Now its uniqueness lies in being the original of a reproduction. Its first meaning is no longer what it shows — but what it is: a relic. Its value is defined by rarity and market price.
Berger argues that the cult of the original work has become "bogus religiosity" — works of art are discussed as holy relics, their value affirmed by market price yet dressed in spiritual language. This mystification serves a social function: it excludes the majority and preserves art as the property of a privileged class.
Berger references Walter Benjamin's essay The Work of Art in the Age of Mechanical Reproduction (1936) as the intellectual foundation for these ideas. What reproduction destroys is the "aura" — the unique presence of the original in time and space. What it creates is a new democratic potential: images can now reach everyone, be used by anyone.
When an image is presented as a work of art, viewers bring a series of learnt assumptions: Beauty, Truth, Genius, Civilization, Form, Status, Taste. These assumptions mystify rather than clarify — they make art unnecessarily remote and deprive people of a history that belongs to them.
The term "oil painting" refers to more than a technique — it defines an art form with its own way of seeing, dominant from roughly 1500 to 1900. Oil paint's defining property is its ability to render tangibility, texture, lustre, solidity. It defines the real as that which you can put your hands on.
The central argument of Essay 3: oil painting did to appearances what capital did to social relations. It reduced everything to the equality of objects. Everything became exchangeable because everything became a commodity.

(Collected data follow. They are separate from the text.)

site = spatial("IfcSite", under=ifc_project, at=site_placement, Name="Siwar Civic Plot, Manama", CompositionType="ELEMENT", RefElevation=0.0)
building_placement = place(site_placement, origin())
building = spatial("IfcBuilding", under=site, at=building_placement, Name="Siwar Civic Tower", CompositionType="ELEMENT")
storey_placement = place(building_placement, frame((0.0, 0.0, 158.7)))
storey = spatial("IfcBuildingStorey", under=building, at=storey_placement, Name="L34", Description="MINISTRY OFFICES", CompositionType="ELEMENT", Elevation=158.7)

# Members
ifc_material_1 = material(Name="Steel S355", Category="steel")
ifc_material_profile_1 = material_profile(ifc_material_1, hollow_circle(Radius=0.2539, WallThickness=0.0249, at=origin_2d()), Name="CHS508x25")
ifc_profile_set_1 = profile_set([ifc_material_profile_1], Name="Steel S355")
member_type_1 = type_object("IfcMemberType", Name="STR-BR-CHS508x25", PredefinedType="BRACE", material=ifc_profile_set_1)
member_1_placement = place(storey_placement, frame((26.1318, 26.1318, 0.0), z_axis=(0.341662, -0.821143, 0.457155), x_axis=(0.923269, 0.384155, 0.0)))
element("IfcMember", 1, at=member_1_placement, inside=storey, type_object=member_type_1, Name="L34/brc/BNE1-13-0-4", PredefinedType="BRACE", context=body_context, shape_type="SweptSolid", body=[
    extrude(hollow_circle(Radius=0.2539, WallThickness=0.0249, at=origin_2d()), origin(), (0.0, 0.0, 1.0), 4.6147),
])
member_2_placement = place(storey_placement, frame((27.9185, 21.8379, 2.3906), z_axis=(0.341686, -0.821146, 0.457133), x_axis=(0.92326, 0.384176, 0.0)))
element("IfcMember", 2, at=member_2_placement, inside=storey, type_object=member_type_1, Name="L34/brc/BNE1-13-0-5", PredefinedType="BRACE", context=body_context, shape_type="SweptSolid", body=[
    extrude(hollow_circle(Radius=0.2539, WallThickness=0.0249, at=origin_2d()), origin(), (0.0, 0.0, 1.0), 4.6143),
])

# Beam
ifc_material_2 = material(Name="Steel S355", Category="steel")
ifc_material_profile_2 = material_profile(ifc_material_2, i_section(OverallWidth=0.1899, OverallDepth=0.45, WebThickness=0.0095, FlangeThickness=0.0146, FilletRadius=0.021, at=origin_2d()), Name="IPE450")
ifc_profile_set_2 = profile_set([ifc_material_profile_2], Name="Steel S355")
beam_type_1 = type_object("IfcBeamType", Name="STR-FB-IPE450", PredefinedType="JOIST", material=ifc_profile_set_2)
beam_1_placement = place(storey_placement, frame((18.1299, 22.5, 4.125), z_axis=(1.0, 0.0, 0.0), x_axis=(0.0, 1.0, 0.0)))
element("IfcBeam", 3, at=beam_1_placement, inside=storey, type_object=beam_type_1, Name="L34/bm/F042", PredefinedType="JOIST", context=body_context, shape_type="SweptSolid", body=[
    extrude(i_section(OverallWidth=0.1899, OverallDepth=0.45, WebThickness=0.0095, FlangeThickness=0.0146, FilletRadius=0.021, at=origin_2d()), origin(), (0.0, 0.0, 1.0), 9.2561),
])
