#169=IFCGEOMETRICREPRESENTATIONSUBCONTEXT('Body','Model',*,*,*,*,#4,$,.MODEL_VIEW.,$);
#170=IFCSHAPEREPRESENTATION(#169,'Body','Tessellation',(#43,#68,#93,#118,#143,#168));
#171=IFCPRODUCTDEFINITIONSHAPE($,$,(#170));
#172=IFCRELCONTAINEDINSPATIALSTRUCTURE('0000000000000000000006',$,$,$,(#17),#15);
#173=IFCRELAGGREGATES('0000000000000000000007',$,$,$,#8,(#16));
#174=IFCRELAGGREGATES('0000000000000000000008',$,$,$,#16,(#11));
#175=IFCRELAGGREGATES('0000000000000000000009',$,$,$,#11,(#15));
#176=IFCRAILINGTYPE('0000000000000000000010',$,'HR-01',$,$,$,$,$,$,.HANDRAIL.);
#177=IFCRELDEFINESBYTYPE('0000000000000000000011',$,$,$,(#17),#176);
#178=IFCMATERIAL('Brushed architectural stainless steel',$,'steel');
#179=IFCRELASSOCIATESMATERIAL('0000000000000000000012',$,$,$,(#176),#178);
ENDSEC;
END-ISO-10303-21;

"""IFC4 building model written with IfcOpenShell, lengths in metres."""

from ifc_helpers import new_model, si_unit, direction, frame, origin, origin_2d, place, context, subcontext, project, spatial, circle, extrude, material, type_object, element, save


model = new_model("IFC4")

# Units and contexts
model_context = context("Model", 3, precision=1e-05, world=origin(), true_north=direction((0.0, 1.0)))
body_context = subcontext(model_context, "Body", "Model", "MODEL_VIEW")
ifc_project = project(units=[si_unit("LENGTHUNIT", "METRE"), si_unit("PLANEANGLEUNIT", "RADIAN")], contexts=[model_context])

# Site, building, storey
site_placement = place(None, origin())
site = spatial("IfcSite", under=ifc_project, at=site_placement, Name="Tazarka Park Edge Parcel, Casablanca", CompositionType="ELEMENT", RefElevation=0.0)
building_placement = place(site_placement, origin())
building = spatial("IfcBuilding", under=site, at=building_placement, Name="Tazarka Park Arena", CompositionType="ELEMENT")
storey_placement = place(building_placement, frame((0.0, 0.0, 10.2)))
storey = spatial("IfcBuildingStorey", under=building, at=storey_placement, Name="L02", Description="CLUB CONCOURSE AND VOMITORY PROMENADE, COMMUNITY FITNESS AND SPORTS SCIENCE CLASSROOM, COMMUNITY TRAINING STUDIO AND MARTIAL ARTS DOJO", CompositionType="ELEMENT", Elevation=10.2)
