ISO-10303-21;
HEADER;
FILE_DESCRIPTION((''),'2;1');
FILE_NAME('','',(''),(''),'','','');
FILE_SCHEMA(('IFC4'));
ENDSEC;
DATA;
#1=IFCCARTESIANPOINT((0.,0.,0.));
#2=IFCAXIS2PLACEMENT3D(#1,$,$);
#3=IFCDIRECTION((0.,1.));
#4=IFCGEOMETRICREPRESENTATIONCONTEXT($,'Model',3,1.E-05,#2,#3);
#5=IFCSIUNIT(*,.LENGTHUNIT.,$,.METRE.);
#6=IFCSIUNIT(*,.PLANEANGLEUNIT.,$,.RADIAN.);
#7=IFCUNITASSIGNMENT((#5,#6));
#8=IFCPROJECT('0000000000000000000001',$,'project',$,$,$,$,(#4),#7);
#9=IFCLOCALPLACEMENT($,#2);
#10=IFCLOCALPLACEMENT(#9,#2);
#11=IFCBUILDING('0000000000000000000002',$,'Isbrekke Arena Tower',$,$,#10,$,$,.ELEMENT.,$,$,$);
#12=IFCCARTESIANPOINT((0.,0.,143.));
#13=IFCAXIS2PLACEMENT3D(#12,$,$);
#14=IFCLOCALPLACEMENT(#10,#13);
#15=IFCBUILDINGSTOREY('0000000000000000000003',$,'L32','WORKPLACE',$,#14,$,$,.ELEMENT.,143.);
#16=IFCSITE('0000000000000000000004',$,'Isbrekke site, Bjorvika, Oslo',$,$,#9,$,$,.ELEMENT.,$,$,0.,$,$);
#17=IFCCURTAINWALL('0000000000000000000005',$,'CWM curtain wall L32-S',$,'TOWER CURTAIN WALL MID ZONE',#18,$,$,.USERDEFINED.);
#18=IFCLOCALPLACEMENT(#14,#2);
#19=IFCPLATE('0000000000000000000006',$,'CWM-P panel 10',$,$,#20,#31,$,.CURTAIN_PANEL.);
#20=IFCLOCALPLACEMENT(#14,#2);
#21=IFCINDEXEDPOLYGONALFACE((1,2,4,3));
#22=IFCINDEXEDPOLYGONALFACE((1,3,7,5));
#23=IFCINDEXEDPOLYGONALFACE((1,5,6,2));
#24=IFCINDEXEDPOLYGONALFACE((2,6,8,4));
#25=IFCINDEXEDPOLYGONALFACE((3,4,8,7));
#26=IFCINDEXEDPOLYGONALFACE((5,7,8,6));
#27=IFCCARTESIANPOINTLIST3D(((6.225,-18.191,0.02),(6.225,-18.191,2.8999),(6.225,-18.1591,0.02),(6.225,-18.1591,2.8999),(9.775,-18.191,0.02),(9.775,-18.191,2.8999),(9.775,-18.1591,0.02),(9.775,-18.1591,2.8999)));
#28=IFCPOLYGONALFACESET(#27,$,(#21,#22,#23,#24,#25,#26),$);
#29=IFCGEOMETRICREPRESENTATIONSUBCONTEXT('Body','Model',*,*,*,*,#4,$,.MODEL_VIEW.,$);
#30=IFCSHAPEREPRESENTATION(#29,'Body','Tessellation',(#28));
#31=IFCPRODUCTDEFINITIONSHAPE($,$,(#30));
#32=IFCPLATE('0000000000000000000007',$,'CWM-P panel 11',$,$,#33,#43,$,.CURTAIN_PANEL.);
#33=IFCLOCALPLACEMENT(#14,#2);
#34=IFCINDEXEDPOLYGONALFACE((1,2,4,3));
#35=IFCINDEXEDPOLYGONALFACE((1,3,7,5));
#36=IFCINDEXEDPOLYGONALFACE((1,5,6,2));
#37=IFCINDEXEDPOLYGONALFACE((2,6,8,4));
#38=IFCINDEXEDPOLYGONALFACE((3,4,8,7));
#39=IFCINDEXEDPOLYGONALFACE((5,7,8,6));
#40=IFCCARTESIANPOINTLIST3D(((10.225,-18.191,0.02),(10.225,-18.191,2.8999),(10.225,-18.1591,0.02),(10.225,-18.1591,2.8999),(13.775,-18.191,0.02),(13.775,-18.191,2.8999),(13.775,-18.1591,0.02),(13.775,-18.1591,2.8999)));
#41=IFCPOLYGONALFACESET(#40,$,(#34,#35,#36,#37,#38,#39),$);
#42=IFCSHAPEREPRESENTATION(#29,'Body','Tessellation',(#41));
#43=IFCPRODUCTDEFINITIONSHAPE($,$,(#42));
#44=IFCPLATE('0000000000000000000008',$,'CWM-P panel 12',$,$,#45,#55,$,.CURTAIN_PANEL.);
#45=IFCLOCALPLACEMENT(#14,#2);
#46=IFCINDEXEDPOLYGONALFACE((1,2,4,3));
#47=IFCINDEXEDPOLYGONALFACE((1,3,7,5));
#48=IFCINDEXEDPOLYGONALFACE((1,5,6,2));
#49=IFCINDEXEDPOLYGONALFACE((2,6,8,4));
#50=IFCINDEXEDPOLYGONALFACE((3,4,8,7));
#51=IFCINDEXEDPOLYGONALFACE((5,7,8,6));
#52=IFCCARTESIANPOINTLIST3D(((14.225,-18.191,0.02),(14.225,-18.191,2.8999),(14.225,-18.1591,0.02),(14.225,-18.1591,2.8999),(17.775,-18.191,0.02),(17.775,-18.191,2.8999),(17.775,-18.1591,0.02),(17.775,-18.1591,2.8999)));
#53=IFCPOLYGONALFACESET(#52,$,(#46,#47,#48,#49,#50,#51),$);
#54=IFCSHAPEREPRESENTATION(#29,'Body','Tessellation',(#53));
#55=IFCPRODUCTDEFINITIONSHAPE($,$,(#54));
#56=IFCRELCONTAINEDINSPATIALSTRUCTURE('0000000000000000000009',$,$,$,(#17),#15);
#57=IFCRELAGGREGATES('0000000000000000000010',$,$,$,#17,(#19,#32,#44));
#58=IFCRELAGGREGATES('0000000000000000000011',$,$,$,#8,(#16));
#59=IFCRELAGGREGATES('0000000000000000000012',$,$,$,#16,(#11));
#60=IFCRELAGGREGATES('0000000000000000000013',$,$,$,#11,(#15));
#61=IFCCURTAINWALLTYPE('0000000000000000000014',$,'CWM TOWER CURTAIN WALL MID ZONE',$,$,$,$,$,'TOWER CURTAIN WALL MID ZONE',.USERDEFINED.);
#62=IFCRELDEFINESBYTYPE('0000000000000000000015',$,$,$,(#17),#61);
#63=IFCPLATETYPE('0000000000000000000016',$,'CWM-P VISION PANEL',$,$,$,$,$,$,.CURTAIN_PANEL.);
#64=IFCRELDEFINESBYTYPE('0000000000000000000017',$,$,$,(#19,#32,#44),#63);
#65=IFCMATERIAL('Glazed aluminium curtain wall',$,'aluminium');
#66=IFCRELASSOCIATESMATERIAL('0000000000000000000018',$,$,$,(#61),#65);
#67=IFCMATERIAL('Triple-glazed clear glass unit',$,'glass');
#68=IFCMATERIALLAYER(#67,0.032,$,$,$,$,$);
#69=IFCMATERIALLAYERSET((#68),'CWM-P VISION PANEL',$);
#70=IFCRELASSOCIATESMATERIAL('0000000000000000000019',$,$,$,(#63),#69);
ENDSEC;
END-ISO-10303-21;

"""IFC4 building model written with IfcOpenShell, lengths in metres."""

from ifc_helpers import new_model, si_unit, direction, frame, origin, origin_2d, place, context, subcontext, project, spatial, rectangle, extrude, material, layer, layer_set, type_object, element, aggregate, save


model = new_model("IFC4")

# Units and contexts
model_context = context("Model", 3, precision=1e-05, world=origin(), true_north=direction((0.0, 1.0)))
body_context = subcontext(model_context, "Body", "Model", "MODEL_VIEW")
ifc_project = project(units=[si_unit("LENGTHUNIT", "METRE"), si_unit("PLANEANGLEUNIT", "RADIAN")], contexts=[model_context])

# Site, building, storey
site_placement = place(None, origin())
site = spatial("IfcSite", under=ifc_project, at=site_placement, Name="Isbrekke site, Bjorvika, Oslo", CompositionType="ELEMENT", RefElevation=0.0)
building_placement = place(site_placement, origin())
building = spatial("IfcBuilding", under=site, at=building_placement, Name="Isbrekke Arena Tower", CompositionType="ELEMENT")
storey_placement = place(building_placement, frame((0.0, 0.0, 143.0)))
storey = spatial("IfcBuildingStorey", under=building, at=storey_placement, Name="L32", Description="WORKPLACE", CompositionType="ELEMENT", Elevation=143.0)

# Curtain wall
ifc_material_1 = material(Name="Glazed aluminium curtain wall", Category="aluminium")
curtain_wall_type = type_object("IfcCurtainWallType", Name="CWM TOWER CURTAIN WALL MID ZONE", ElementType="TOWER CURTAIN WALL MID ZONE", PredefinedType="USERDEFINED", material=ifc_material_1)
curtain_wall_placement = place(storey_placement, origin())
curtain_wall = element("IfcCurtainWall", 1, at=curtain_wall_placement, inside=storey, type_object=curtain_wall_type, Name="CWM curtain wall L32-S", ObjectType="TOWER CURTAIN WALL MID ZONE", PredefinedType="USERDEFINED")

# Plates
ifc_material_2 = material(Name="Triple-glazed clear glass unit", Category="glass")
ifc_layer = layer(ifc_material_2, 0.032)
ifc_layer_set = layer_set([ifc_layer], Name="CWM-P VISION PANEL")
plate_type = type_object("IfcPlateType", Name="CWM-P VISION PANEL", PredefinedType="CURTAIN_PANEL", material=ifc_layer_set)
plate_1_placement = place(storey_placement, frame((8.0, -18.175, 0.02), z_axis=(0.0, 0.0, 1.0), x_axis=(1.0, 0.0, 0.0)))
plate_1 = element("IfcPlate", 2, at=plate_1_placement, type_object=plate_type, Name="CWM-P panel 10", PredefinedType="CURTAIN_PANEL", context=body_context, shape_type="SweptSolid", body=[
    extrude(rectangle(XDim=3.55, YDim=0.032, at=origin_2d()), origin(), (0.0, 0.0, 1.0), 2.8799),
])
plate_2_placement = place(storey_placement, frame((12.0, -18.175, 0.02), z_axis=(0.0, 0.0, 1.0), x_axis=(1.0, 0.0, 0.0)))
plate_2 = element("IfcPlate", 3, at=plate_2_placement, type_object=plate_type, Name="CWM-P panel 11", PredefinedType="CURTAIN_PANEL", context=body_context, shape_type="SweptSolid", body=[
    extrude(rectangle(XDim=3.55, YDim=0.032, at=origin_2d()), origin(), (0.0, 0.0, 1.0), 2.8799),
])
plate_3_placement = place(storey_placement, frame((16.0, -18.175, 0.02), z_axis=(0.0, 0.0, 1.0), x_axis=(1.0, 0.0, 0.0)))
plate_3 = element("IfcPlate", 4, at=plate_3_placement, type_object=plate_type, Name="CWM-P panel 12", PredefinedType="CURTAIN_PANEL", context=body_context, shape_type="SweptSolid", body=[
    extrude(rectangle(XDim=3.55, YDim=0.032, at=origin_2d()), origin(), (0.0, 0.0, 1.0), 2.8799),
])
aggregate(curtain_wall, [plate_1, plate_2, plate_3])

save(model, "model.ifc")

Rich Italian merchants of the Renaissance looked upon painters as agents "who allowed them to confirm their possession of all that was beautiful and desirable in the world." A collection of paintings was a microcosm — the proprietor had recreated within reach all the features of the world to which he was attached.
| Genre | What It Showed | Social Function |
|---|---|---|
| Portraits | The individual sitter's presence and wealth | Confirmed the owner's social status; face became a mask of costume |
| Still Life | Edible goods, luxury objects, merchandise | Demonstrated wealth and habitual style of living |
| Animals | Livestock with emphasized pedigree | Proof of the owner's breeding stock's value — "animals painted like pieces of furniture" |
| Buildings / Landscape | Landed property, estates | Celebrated ownership of land; Mr & Mrs Andrews as proud landowners |
| Mythological / History | Classical scenes, idealized figures | Supplied a cultural guise for the owner's own power — a garment of nobility to wear |
| "Genre" (low life) | Scenes of the poor, taverns, daily life | Proved virtue = success; reassured the bourgeoisie of their moral worth |
Berger uses this painting as a case study. The two ambassadors are surrounded by instruments of navigation (for the slave trade and ocean routes), a globe charting Magellan's voyage, books of arithmetic and a hymn book — tools of colonization: Christianity and accounting. Their gaze is aloof and wary, expecting no reciprocity. They are convinced the world exists to furnish their residence in it.
Berger distinguishes between the average work (produced more or less cynically, serving the market) and the exceptional work (where the painter struggled against the tradition's own language). The great artists — Rembrandt, Vermeer, Turner — are acclaimed as the tradition's supreme representatives, yet their work was diametrically opposed to its values.
The tradition's own image of itself is a framed window open onto the world. Berger's counter-image: "a safe let into the wall, a safe in which the visible has been deposited." The oil painting did not open a view — it enclosed and possessed a view for its owner.
Q: According to Berger (following Benjamin), how did the invention of the camera change the way we see paintings? What happens to the "uniqueness" of the original work after mechanical reproduction?
Q: Berger argues that oil painting "did to appearances what capital did to social relations." Explain this claim using at least two genres of oil painting as examples.